I’ve been asked numerous times (less than 3) on how do I get in the mood to write comedy. Only on rare occasions (more than 390 times a year) do these answers haunt the back of my mind. This is not a winning formula or a how to episode, but more along the lines of ten things we must do in order to write comedy.
1. Don’t try to be funny. Be serious first.
Some of the best comedy on planet Earth is done in a most serious mind-set. Sometimes, that alone can lead to some highly humorous moments. What makes an event funny more often than not, isn’t the content of what’s happening, but the results of what has been done. Hench the term, a punch line. Not because some ninja comes out of the woodwork and punches people, but because a punch isn’t actually seen until it’s too late. The moment that makes a situation funny shouldn’t be seen coming, until the last possible second.
2. Location is everything. Consider the landscape, the area, what is going on all around your character.

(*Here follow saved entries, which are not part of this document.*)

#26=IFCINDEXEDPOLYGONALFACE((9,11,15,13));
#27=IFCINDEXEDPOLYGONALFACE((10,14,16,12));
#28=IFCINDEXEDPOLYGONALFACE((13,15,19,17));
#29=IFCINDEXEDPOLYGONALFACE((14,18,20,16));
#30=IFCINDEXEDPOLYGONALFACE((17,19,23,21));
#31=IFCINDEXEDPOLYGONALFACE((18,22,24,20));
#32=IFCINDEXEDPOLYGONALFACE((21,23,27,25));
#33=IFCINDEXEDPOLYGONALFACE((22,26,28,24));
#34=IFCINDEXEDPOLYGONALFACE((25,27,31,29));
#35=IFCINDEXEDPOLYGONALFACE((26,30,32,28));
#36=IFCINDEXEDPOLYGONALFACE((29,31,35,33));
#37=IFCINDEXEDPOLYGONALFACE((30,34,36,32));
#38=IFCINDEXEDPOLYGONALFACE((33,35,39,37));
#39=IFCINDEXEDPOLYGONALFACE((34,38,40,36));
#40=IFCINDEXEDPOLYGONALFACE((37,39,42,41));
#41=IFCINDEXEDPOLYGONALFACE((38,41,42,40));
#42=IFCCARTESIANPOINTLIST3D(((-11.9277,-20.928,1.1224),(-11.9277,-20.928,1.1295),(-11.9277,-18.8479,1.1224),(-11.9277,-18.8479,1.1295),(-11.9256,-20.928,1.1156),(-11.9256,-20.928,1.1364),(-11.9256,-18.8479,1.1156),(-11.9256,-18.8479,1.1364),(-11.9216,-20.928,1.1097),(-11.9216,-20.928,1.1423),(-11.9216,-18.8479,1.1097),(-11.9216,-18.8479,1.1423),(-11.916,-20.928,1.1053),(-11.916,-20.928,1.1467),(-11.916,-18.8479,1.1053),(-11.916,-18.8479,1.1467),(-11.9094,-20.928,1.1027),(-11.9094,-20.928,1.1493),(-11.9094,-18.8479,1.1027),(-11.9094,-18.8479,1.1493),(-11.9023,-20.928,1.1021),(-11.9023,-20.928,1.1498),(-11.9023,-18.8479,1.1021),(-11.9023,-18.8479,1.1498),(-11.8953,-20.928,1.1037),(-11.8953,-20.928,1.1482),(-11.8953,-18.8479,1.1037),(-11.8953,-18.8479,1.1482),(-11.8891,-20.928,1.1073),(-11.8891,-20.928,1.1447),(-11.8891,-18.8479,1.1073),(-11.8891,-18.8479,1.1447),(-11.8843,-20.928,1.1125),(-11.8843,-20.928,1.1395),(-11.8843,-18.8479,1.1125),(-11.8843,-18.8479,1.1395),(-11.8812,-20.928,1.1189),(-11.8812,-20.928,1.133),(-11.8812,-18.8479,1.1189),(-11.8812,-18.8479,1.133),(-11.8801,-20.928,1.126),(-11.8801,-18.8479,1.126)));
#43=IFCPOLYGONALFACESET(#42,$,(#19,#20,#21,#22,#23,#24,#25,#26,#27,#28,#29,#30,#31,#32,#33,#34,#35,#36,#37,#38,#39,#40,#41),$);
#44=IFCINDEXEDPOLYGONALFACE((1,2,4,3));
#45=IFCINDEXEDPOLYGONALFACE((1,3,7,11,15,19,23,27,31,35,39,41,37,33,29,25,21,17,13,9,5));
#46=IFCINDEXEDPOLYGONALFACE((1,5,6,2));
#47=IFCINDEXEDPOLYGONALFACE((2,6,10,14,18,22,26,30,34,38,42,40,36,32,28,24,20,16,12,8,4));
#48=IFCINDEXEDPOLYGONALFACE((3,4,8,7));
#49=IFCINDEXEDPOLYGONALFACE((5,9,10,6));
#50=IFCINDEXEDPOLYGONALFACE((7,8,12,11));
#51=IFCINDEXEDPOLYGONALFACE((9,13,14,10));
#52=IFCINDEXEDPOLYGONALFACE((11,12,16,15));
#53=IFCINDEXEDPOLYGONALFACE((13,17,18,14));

Some of the funniest things to ever tickle a funny bone happen because of the location, with little regard to the building plot. Consider the character who is lost, looking for a specific location, trying to decide which of the surely characters in the background to ask for directions. Your protagonist finally pulls off the road, locates the most decent looking person among the motorcycle gang, and timidly asks the question about where to find the closest Walmart. That’s when it’s revealed the character is actually asking while parked next to the Walmart in question.
3. Contradiction can be a dangerously funny tool. Use it, but not too often.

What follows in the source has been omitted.